Obviously, this was a dramatic reaction to zealous economic dogma; to say that the United States is verging on economic collapse would be ridiculous. However, the parallels are there. For starters, they stem from comparable motivations. President Trump has made no secret of his belief that free trade has been to the detriment of the U.S.’ economic health, due to a negative balance of trade. Like Argentina, the American industrial base is small, accounting for under a fifth of the GDP, while the lion’s share is devoted to the service sector. This foreign satisfaction of consumer goods is seen by Trump as an economic weakness. While not nearly as drastic, his response so far has been similar, if less nuanced, to the Prebischian model: attempting to dismantle free trade and erect tariffs on foreign competitors, from China to Canada, in order to create a sheltered environment for sunset industries to thrive in. Just as it did in South America, this seems reasonable but it falls victim to the same perils. An environment in which the government prevents competition will not create industries that are hardy enough for the international market anytime soon. In a country that has no trouble competing internationally in the service sector, attempting to save a mostly obsolete manufacturing base through means which have proven to be unsuccessful is not just misguided, it’s tangibly detrimental to the population. Just as in Argentina, tariffs on foreign goods are only necessary because they are cheaper than those made domestically. The protectionist measures implemented by Trump will pass the higher cost of these products onto the consumer, decreasing the purchasing power of citizens in the pursuit of an unsustainable economic plan.

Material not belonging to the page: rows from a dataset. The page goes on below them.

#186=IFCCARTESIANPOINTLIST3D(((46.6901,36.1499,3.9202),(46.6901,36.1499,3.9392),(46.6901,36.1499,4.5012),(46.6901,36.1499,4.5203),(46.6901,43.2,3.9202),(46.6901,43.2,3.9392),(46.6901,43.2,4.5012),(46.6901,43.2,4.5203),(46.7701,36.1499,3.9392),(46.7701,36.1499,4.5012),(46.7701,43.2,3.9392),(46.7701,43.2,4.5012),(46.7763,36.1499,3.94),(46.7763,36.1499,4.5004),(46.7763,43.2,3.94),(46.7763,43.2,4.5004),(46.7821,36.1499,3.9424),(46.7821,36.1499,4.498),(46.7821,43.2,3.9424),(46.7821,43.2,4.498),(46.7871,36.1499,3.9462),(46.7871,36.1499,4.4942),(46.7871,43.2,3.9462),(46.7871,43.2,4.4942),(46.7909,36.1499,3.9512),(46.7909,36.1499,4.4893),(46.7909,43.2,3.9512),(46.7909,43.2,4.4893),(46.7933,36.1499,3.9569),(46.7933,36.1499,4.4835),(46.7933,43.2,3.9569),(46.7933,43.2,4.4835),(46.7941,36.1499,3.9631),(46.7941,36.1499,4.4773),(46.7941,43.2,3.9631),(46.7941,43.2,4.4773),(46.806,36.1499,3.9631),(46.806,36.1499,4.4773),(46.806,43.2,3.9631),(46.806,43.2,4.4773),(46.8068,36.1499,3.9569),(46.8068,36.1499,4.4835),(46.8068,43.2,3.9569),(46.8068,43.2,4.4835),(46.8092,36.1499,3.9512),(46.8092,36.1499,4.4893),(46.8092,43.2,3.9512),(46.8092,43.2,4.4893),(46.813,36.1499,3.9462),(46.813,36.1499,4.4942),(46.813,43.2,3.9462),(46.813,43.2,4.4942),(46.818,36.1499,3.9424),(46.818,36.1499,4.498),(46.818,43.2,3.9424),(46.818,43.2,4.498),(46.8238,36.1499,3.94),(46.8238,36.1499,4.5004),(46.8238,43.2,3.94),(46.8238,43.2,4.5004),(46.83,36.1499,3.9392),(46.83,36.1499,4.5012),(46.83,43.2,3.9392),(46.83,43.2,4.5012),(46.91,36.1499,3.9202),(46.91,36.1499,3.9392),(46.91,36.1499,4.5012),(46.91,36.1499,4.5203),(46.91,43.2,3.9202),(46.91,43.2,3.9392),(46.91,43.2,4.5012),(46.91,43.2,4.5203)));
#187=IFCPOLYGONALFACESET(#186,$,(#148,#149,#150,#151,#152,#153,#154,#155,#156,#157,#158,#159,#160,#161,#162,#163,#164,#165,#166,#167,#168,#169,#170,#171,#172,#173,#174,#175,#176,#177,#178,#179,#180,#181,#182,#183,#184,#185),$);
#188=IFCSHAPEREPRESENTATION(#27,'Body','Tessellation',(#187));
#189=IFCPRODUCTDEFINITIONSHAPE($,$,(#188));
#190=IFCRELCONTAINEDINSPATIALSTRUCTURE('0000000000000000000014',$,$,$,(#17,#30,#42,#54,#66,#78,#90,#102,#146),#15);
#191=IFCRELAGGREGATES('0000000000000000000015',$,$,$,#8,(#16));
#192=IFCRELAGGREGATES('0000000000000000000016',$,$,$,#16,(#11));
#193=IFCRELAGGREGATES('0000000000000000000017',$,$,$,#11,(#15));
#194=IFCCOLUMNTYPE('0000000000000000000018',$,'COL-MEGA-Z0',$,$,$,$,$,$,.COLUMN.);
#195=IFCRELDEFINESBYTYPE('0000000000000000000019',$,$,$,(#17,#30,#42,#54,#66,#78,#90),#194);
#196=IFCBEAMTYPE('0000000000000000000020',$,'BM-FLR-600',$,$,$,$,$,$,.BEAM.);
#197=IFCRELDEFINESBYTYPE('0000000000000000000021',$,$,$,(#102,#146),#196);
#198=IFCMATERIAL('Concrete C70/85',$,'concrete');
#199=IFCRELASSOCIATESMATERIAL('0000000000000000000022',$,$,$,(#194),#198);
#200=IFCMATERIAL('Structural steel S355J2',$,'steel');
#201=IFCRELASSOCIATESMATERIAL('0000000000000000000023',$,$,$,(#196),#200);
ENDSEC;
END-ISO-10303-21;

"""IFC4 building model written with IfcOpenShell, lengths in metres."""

Although Trump’s policy of protectionism and import substitution is unlikely to cause the downfall of the American economy, it is just as unlikely to improve it. Rather, what we can count on it to do is make things more difficult for the average consumer. History has shown that this strategy does not work as intended, but it seems that the current American government has not considered the examples of the recent past. It might just find that those who cannot learn from history are doomed to repeat it.